Sunday, 16 March 2014

Commodities Cushioned From Crimea Crisis by Ample Supply‏

"Unprecedented natural-gas reserves in Europe, record global grain output and the threat of mutual economic calamity from oil sanctions are cushioning commodity prices even as the Ukraine-Russia conflict spurs a gold rally".
"While U.K. gas prices, a European benchmark, rose 5.1 percent since the crisis began at the end of February, they are still the lowest for this time of year since 2010. Brent crude fell 0.5 percent. After wheat advanced 14 percent and corn 4.9 percent, both are still at least 26 percent below the peaks in 2010, the last time Russia and Ukraine curbed shipments. Gold reached a six-month high on March 14 as demand for a haven grew".
"Abundant supply is limiting some price swings caused by Russia’s incursion into Crimea, where a majority in a disputed vote March 16 chose to join Russia, exit polls showed. Europe gets about a third of its gas from Russia, half of it through Ukraine, and about the same proportion of crude. Russia’s economy has slowed for three consecutive years, increasing its reliance on the export revenue. Sanction talks in Europe have focused on asset freezes and visa bans rather than energy.
“This is basically a hydrocarbon version of Mutually Assured Destruction,” said Seth Kleinman, Citigroup Inc.’s London-based head of energy research. “Europe needs Russian energy, and Russia needs Europe’s money.”

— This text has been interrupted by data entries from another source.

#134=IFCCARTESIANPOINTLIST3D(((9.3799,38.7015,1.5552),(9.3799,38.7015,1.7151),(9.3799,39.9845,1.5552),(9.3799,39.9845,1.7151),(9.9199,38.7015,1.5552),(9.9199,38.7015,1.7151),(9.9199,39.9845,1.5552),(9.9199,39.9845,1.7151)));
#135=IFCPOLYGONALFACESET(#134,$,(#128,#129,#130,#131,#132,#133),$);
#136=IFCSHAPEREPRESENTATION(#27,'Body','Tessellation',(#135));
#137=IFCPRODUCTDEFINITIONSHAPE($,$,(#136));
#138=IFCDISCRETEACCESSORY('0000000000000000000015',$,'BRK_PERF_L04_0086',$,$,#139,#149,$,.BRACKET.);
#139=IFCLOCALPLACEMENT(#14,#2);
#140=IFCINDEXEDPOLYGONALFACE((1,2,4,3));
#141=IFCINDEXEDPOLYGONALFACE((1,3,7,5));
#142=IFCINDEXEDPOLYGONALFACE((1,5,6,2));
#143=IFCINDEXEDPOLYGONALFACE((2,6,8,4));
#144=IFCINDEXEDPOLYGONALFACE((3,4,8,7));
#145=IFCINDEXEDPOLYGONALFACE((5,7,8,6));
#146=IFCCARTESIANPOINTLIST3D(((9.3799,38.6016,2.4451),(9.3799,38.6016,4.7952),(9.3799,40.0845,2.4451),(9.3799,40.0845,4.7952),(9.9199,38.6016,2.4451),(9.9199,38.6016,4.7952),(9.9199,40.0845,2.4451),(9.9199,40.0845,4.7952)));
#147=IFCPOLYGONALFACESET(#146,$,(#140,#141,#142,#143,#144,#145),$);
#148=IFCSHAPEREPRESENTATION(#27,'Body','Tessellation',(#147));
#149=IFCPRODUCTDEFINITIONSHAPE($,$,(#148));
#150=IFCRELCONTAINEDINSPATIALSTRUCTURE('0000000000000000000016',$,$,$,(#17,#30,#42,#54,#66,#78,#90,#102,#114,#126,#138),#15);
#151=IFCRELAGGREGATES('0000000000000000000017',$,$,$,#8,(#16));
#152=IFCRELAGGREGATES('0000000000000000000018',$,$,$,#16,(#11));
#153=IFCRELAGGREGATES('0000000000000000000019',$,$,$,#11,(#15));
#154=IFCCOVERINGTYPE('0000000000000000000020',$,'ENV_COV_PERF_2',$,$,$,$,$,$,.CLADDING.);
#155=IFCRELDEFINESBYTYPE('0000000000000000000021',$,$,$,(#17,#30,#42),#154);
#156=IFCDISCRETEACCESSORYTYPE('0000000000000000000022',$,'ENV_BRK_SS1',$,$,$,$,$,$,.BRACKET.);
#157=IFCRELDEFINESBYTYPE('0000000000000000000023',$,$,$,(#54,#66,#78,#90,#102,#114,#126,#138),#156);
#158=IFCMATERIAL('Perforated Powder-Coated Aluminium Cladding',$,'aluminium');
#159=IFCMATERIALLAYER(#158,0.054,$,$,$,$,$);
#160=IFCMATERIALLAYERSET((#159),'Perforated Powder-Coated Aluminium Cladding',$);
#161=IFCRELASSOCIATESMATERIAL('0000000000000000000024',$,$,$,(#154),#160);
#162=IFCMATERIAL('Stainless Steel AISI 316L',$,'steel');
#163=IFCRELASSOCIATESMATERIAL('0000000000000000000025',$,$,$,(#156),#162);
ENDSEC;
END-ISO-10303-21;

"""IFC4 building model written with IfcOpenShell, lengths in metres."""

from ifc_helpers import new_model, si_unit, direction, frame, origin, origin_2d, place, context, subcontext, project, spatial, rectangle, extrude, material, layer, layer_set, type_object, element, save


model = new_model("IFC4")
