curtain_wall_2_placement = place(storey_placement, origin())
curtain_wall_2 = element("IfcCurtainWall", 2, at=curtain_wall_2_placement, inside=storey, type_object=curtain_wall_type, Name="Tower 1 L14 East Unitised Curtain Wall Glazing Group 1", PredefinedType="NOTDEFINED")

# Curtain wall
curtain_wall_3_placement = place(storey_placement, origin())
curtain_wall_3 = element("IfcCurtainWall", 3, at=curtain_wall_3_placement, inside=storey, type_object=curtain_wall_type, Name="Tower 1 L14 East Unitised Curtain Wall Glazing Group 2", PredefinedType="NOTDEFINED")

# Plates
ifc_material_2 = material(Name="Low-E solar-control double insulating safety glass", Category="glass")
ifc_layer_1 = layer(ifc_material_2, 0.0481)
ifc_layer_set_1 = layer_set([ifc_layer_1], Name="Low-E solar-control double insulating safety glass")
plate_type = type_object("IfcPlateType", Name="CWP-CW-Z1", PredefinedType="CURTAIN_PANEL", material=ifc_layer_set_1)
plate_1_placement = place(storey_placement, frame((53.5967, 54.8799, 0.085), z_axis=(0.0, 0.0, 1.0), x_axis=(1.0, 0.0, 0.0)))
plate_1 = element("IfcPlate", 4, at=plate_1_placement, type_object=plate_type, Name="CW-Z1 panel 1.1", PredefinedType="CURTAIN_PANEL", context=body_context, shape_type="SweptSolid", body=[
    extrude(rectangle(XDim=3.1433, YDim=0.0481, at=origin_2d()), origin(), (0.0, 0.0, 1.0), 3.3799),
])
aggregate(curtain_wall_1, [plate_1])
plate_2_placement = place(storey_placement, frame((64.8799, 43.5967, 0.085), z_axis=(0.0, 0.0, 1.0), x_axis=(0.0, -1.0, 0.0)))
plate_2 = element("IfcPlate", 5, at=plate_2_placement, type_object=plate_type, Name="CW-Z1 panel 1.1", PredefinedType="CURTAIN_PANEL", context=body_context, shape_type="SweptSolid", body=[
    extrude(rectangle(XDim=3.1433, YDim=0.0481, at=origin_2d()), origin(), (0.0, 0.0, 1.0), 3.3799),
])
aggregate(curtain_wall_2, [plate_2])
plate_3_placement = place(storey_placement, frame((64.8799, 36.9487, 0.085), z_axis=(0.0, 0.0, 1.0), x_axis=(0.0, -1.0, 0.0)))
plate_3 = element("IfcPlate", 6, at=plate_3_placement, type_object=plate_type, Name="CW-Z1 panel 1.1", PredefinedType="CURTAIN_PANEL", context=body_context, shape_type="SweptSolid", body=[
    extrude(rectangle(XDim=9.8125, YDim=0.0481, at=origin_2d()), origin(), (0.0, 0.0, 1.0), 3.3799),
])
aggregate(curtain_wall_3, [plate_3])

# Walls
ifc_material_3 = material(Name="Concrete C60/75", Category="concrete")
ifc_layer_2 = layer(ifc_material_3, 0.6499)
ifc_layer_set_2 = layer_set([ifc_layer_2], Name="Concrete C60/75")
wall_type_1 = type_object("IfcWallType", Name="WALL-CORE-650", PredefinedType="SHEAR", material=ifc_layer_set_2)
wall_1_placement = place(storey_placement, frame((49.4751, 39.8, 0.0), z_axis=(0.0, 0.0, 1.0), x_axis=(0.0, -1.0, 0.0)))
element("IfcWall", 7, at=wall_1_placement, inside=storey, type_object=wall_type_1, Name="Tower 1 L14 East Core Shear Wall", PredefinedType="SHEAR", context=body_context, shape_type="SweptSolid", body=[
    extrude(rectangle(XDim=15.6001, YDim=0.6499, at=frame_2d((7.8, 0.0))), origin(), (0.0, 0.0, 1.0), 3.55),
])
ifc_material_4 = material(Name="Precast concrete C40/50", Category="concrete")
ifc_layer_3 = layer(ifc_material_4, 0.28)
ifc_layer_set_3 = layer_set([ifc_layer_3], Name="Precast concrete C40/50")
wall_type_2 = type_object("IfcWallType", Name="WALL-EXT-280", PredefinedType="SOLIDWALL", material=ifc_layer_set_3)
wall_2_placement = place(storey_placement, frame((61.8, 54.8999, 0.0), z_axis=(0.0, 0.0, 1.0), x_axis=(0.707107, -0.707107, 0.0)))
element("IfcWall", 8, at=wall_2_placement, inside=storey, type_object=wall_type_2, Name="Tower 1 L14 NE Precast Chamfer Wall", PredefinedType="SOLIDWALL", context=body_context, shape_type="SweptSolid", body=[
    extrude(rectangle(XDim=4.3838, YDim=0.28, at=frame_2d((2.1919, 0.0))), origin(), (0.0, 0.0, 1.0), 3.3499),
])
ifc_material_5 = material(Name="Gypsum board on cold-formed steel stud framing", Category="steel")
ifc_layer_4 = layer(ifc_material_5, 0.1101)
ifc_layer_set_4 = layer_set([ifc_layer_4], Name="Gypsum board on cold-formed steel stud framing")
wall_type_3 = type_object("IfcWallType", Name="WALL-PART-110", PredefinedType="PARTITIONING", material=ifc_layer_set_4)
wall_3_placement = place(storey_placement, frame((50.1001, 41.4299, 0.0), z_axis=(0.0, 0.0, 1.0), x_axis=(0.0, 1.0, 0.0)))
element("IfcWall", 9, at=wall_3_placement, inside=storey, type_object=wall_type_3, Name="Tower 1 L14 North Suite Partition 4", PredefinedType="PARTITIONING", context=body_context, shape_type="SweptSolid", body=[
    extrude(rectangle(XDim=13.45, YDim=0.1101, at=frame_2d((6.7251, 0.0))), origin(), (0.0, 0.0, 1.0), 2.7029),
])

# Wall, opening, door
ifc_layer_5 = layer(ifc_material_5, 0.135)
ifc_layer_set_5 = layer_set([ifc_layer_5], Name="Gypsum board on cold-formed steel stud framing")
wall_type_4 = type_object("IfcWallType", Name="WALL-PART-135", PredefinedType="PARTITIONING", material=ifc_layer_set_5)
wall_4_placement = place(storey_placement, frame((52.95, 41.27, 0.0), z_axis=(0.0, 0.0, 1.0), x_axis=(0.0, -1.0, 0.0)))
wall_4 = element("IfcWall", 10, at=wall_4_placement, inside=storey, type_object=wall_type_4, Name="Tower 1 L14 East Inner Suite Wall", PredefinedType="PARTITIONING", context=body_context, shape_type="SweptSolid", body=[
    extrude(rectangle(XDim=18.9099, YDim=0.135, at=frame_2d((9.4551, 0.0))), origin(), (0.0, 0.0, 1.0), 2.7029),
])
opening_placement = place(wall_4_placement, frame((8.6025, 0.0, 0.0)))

Supplies of Russian gas transiting through Ukraine into Europe were interrupted in 2006 and 2009 because of disputes over prices and terms of supply. On both occasions, temperatures were freezing. Europe is now having its mildest winter since 2007, and stockpiles were about 45 percent full on March 13, up from 34 percent a year earlier, according to Gas Infrastructure Europe, the Brussels-based lobby group".